Universitat de València, Valencia, Spain.
INCLIVA, Instituto de Investigación Sanitaria, Valencia, Spain.
Histopathology. 2024 Jul;85(1):155-170. doi: 10.1111/his.15187. Epub 2024 Apr 12.
The histopathological classification of melanocytic tumours with spitzoid features remains a challenging task. We confront the complexities involved in the histological classification of these tumours by proposing machine learning (ML) algorithms that objectively categorise the most relevant features in order of importance. The data set comprises 122 tumours (39 benign, 44 atypical and 39 malignant) from four different countries. BRAF and NRAS mutation status was evaluated in 51. Analysis of variance score was performed to rank 22 clinicopathological variables. The Gaussian naive Bayes algorithm achieved in distinguishing Spitz naevus from malignant spitzoid tumours with an accuracy of 0.95 and kappa score of 0.87, utilising the 12 most important variables. For benign versus non-benign Spitz tumours, the test reached a kappa score of 0.88 using the 13 highest-scored features. Furthermore, for the atypical Spitz tumours (AST) versus Spitz melanoma comparison, the logistic regression algorithm achieved a kappa value of 0.66 and an accuracy rate of 0.85. When the three categories were compared most AST were classified as melanoma, because of the similarities on histological features between the two groups. Our results show promise in supporting the histological classification of these tumours in clinical practice, and provide valuable insight into the use of ML to improve the accuracy and objectivity of this process while minimising interobserver variability.

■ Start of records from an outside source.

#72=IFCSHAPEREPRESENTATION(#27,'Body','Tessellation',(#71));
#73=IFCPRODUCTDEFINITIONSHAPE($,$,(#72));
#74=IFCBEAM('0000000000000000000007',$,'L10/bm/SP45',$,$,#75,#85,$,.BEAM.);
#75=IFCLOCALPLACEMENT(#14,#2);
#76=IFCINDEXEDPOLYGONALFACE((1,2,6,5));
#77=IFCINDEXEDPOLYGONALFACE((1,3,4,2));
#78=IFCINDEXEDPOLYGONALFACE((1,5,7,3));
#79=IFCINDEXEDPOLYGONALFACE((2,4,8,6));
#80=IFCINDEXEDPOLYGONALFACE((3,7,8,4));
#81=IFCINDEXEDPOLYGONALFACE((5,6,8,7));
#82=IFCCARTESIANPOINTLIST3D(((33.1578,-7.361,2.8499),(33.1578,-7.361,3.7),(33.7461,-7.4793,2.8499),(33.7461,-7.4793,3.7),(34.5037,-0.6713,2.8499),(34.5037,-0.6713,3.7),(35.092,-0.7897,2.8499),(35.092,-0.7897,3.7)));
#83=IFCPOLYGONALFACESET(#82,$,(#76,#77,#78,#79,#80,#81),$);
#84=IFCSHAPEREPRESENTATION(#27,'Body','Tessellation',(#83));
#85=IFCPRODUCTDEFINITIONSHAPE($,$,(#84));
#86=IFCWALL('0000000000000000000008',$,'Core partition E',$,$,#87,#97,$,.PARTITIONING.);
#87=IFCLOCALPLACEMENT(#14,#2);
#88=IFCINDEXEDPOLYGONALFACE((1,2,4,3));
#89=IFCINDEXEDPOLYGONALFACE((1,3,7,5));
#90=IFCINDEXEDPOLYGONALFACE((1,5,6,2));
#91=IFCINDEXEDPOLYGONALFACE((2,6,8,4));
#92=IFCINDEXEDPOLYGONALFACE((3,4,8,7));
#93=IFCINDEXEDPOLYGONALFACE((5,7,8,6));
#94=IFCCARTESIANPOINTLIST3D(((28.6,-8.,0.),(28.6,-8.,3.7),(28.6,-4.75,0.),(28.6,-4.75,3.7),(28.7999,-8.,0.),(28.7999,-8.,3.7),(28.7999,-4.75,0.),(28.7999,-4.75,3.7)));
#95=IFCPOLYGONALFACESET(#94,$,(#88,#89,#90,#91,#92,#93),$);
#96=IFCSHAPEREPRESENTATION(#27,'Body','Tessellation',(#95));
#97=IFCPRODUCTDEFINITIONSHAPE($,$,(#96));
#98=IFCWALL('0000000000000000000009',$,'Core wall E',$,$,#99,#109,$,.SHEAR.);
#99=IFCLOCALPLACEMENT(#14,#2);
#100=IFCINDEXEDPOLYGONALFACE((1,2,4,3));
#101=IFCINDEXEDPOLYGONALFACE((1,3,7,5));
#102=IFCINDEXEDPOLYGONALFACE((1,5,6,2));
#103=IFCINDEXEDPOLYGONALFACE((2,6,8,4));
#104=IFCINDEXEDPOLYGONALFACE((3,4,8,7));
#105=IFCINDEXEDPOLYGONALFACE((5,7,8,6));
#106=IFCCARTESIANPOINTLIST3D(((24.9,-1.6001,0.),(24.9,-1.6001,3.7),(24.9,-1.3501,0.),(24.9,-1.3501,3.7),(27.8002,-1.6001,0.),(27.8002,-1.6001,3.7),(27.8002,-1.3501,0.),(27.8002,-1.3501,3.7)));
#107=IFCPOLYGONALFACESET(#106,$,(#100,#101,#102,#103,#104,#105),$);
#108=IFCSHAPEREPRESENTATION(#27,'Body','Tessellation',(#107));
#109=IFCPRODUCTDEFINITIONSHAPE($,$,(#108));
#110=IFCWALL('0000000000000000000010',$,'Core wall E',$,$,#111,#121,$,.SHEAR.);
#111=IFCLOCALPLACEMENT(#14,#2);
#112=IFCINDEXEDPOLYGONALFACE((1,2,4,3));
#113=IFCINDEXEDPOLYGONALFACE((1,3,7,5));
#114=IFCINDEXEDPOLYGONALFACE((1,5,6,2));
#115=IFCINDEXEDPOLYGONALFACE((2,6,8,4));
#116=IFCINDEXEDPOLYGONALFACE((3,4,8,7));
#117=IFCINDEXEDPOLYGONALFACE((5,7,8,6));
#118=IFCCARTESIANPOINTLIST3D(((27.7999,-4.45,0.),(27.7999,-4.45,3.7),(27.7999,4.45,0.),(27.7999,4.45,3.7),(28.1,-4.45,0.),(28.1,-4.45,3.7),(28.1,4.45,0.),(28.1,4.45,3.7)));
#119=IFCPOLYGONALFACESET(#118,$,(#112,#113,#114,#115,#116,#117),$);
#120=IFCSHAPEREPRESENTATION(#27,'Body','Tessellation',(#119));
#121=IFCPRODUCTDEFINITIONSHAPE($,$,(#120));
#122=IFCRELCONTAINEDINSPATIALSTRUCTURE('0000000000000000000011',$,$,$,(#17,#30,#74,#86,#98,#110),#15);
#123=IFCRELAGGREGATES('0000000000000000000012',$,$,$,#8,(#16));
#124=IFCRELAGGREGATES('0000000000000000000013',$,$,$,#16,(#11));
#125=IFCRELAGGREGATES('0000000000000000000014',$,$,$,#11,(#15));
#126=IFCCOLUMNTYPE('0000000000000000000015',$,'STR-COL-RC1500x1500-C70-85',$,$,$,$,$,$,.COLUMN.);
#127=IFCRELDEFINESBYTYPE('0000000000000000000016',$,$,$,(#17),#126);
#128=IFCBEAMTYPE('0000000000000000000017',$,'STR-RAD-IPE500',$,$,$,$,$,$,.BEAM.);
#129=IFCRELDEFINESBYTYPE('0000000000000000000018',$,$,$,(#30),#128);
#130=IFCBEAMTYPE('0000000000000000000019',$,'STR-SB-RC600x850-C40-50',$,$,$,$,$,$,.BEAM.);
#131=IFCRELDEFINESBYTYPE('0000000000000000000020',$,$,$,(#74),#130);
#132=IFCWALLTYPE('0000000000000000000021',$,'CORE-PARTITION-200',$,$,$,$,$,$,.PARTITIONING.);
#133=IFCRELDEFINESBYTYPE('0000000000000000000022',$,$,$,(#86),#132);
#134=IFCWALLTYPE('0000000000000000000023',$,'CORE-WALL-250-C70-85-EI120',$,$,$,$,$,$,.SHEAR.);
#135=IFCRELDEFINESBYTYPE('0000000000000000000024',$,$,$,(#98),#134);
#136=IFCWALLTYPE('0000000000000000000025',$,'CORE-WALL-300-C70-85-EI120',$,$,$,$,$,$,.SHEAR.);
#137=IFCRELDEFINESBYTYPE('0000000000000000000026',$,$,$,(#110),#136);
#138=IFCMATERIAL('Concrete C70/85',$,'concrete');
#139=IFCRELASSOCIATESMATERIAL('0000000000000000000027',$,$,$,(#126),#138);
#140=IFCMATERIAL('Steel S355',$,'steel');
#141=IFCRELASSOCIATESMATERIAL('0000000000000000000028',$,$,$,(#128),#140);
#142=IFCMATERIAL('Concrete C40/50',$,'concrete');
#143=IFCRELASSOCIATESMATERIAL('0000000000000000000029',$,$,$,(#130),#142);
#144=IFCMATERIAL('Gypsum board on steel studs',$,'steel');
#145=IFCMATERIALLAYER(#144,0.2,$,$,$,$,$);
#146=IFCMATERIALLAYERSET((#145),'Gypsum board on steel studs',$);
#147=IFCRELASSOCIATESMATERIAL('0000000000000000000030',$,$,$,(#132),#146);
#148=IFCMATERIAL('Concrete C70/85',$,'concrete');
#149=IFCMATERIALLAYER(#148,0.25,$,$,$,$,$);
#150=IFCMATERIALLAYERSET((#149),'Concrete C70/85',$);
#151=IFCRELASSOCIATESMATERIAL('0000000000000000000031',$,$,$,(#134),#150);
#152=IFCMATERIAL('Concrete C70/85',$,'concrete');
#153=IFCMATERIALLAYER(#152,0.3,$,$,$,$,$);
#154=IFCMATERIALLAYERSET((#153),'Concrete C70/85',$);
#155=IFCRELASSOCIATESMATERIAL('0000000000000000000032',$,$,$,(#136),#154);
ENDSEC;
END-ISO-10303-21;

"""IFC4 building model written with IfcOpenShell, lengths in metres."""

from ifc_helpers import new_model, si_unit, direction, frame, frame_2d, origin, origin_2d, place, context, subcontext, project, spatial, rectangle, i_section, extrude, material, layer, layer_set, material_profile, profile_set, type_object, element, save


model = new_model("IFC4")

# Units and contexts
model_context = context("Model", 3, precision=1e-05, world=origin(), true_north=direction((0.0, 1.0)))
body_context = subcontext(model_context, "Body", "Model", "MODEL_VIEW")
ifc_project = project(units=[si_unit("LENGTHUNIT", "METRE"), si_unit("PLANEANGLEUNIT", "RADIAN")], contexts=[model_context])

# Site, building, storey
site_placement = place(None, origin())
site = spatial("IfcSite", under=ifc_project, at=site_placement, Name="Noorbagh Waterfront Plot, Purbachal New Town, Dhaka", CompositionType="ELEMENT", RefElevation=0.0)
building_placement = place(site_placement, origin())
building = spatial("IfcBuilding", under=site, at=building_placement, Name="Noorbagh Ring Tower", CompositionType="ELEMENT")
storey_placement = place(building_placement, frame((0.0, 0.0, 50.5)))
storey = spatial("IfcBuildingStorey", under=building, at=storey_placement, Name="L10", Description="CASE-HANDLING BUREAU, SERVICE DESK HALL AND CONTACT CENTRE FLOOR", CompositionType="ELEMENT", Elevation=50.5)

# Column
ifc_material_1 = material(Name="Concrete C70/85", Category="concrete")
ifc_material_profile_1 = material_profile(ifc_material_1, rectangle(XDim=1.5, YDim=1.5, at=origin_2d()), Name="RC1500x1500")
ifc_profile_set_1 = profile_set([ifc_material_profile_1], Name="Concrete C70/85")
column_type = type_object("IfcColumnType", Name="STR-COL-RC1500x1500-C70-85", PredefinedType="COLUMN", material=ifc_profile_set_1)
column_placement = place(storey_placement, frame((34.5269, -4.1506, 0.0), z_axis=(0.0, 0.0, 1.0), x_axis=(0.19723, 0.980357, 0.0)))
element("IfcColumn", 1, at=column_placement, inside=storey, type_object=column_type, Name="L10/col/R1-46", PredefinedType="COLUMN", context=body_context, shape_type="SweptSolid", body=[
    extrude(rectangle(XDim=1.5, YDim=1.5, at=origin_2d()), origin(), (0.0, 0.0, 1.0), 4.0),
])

These proposed algorithms represent a potential solution to the lack of a clear threshold for the Spitz/spitzoid tumour classification, and its high accuracy supports its usefulness as a helpful tool to improve diagnostic decision-making.
具有 Spitz 样特征的黑色素细胞肿瘤的组织病理学分类仍然是一项具有挑战性的任务。我们通过提出机器学习 (ML) 算法来应对这些肿瘤组织学分类的复杂性,这些算法可以客观地按重要性顺序对最相关的特征进行分类。该数据集包含来自四个不同国家的 122 个肿瘤(39 个良性、44 个非典型和 39 个恶性)。评估了 51 个 BRAF 和 NRAS 突变状态。进行方差得分分析以对 22 个临床病理变量进行排名。高斯朴素贝叶斯算法在区分 Spitz 痣和恶性 Spitz 样肿瘤方面达到了 0.95 的准确性和 0.87 的kappa 评分,使用了 12 个最重要的变量。对于良性与非良性 Spitz 肿瘤,使用 13 个得分最高的特征,测试达到了 0.88 的 kappa 评分。此外,对于非典型 Spitz 肿瘤 (AST) 与 Spitz 黑色素瘤的比较,逻辑回归算法达到了 0.66 的 kappa 值和 0.85 的准确率。当比较这三个类别时,由于两组之间在组织学特征上的相似性,大多数 AST 被归类为黑色素瘤。我们的结果有望支持这些肿瘤在临床实践中的组织学分类,并为使用 ML 提高该过程的准确性和客观性提供有价值的见解,同时最大限度地减少观察者间的变异性。这些提出的算法代表了解决 Spitz/spitzoid 肿瘤分类缺乏明确阈值的潜在解决方案,其高准确性支持其作为改善诊断决策有用工具的用途。